Database Searching and Pairwise Alignment Techniques

advertisement
Module 4
Database Searching and Pairwise Alignment Techniques
AIMS

To explain the principles underlying local and global alignment programs

To explain what substitution matrices are and how they are used

To introduce the commonly used pairwise alignment programs

To explore the significance of alignment results
OBJECTIVES
The student should be able to:

Carry out FastA and Blast searches

To select appropriate substitution matrices

To evaluate the significance of alignment/search results
INTRODUCTION
Regardless of whether you are dealing with a DNA or protein sequence you will commonly want to
compare the sequence you are analysing to DNA or protein sequences held in a database. The
principles underlying the comparison of a search sequence with sequences held in the database
involves pairwise comparison of the search sequence with each of the database sequences. It is the
methodology of such pairwise comparisons that is the subject matter of this module.
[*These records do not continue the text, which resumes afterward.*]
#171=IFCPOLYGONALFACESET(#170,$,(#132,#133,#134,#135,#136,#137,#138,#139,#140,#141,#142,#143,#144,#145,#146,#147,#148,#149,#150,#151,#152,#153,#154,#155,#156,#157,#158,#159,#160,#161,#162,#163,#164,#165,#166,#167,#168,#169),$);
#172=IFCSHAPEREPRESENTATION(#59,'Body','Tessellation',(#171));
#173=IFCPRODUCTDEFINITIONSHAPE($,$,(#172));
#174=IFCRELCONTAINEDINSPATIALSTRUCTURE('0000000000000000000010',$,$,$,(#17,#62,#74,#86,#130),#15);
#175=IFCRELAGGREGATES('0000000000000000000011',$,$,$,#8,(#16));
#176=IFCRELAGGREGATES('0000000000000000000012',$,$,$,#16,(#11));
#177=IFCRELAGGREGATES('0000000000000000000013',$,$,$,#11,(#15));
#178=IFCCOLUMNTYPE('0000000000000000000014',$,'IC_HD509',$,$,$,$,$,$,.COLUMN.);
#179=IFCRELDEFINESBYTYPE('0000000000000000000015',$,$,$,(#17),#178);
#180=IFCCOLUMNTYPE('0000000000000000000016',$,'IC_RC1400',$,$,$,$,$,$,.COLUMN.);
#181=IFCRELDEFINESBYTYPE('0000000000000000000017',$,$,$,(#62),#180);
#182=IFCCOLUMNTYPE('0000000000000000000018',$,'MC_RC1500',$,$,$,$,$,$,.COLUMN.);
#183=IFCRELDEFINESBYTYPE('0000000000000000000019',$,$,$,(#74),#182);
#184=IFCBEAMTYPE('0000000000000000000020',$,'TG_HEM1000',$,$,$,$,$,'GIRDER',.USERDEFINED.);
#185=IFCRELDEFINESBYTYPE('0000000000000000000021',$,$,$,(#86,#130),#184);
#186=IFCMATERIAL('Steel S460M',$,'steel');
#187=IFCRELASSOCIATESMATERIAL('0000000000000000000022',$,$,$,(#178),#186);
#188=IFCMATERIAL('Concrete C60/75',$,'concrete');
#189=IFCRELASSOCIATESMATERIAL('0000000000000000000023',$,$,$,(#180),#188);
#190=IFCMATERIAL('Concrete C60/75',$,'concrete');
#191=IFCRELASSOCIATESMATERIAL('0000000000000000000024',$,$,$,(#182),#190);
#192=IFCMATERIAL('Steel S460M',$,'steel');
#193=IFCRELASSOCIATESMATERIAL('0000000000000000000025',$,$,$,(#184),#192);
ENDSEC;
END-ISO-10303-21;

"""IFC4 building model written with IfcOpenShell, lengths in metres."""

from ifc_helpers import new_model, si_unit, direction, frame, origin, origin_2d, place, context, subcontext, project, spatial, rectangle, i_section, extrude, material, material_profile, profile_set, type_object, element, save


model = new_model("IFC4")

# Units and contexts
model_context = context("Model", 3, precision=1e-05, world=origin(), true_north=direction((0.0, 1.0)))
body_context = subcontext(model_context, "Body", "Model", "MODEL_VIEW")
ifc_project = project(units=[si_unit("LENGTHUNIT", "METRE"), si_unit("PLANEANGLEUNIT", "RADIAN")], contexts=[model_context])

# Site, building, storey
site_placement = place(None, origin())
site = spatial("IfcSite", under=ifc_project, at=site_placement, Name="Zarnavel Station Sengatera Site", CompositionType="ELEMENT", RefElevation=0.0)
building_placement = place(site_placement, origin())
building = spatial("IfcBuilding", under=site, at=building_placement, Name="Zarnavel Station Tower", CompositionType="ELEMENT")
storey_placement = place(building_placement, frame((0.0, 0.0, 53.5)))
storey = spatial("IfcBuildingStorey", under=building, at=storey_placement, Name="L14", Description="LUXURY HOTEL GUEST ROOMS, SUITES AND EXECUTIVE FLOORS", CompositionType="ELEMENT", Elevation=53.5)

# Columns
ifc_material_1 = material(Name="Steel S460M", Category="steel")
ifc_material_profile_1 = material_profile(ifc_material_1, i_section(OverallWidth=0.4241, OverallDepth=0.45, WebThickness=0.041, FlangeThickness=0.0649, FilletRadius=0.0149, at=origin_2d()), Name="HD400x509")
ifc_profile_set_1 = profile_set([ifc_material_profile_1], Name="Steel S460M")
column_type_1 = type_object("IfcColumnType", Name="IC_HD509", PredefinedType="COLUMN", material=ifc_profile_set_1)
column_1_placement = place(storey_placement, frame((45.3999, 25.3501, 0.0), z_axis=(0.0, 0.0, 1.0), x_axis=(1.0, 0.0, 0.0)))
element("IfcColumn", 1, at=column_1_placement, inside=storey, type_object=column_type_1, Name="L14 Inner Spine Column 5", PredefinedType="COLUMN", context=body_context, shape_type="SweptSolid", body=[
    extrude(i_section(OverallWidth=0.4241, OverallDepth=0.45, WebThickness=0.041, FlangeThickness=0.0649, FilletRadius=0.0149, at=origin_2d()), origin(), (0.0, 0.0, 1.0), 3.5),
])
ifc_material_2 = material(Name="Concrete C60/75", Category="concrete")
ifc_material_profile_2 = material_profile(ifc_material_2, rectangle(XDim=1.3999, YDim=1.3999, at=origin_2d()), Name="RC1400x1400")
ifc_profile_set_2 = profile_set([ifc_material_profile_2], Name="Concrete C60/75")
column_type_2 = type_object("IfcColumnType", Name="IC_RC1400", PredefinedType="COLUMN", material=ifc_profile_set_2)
Similarity versus homology
One very important consideration to deal with before looking at the procedures which can be
employed to compare two DNBA or protein sequences is to define two terms that are subject to much
misuse. The terms in question are ‘homology’ and ‘similarity’. If two genes have a common ancestor
they said to be homologous or to exhibit homology. The two genes either had a common ancestor or
they didn’t, therefore terms employing percent homology are meaningless. However, when you
compare two related sequences there are likely to be many similarities between the two sequences and
these can be quantified to give a percent similarity. It is from the degree of similarity between two
sequences that homology is inferred.
Information theory examines the properties of messages. If we consider a protein to be a message then
we can calculate it information content in terms of bits. The calculation gives a value of about 4.19
bits per residue. Given an average protein size of 150 residues this corresponds to an information
content of 630 bits. From this we can work out that the probability that two random sequences would
specify the same message is 2-630 or about 10-190. This implies that convergent evolution giving rise to
two similar sequences would be very rare and consequently if two sequences exhibit significant
similarity it must have arisen through the fact that the two sequences arose from a common ancestor
and therefore are homologous.
The basic concepts
The basic concepts associated with the pairwise alignment of DNA and protein sequences can be
approached using a linguistic metaphor. The English alphabet contains 26 letters, that of DNA 4, and
that of protein 20. Sometimes additional characters may be added to these basic alphabets, particularly
where there is some degree of ambiguity over a position e.g. X is often used for unknown bases or
amino acid residues (see Module 1). The way in which to align two identical sequences of characters
is obvious.
We can measure similarity or dissimilarity between pairs of sequences to give scores.
There are several ways in which sequence (dis)similarity is measured:
The Hamming Distance measures the number of different characters there are between two
sequences, such as with the following two sequences:
AGATCTAG TCGA
AGGCATCATGCAGT
which differ in 10 places, so their Hamming distance is 10.
The proportional or p-distance. This is the Hamming distance divided by the total sequence
length, so ranges from 0 to 1. In the above example the p-distance is 10/14.
The log-odds ratio. This is a measure of how unlikely it is that two sequences should be so
similar. It is based on the observed frequencies of each of the characters (bases or amino
acids) in the sequences, and the probability of observing each homologous pair in the two
sequences. It is a positive score, measuring similarity, and is calculated by adding the scores
from pre-calculated matrices (see PAM and BLOSUM matrices below) with all the possible
pairs of characters.
Gaps
Obviously genes can suffer insertions and deletions of one more bases and the corresponding proteins
will contain insertions and deletions of amino acid residues. In order to compensate for such events it
is necessary to introduce gaps into an alignment, but not so many that the alignment becomes
unreliable. The most common method involves giving a penalty score (d) for opening a gap and
another penalty score for extending the length (x) of the gap. We make the gap-extension cost (x) less
than the gap-open cost (d) so that we don’t get too many gaps inserted, when fewer would do. This
method of assigning gap costs is called affine. Insertions and deletions are lumped together in the term
indels. Unfortunately, values for these penalty scores cannot be arrived at in the systematic way that
substitution matrices were constructed and the values used are arrived at empirically.
Local versus Global Pairwise Alignments
It will frequently be the case that the two sequences to be compared will not be homologous over their
entire length. There are several possible reasons for this:
1. We may have two sequences which have a gene in common but which we know have been
subjected to extensive recombination in the other regions, so we could not guarantee that they are
going to be similar throughout their length;
2. The process of evolution may to the formation of proteins that can be described as multimodular.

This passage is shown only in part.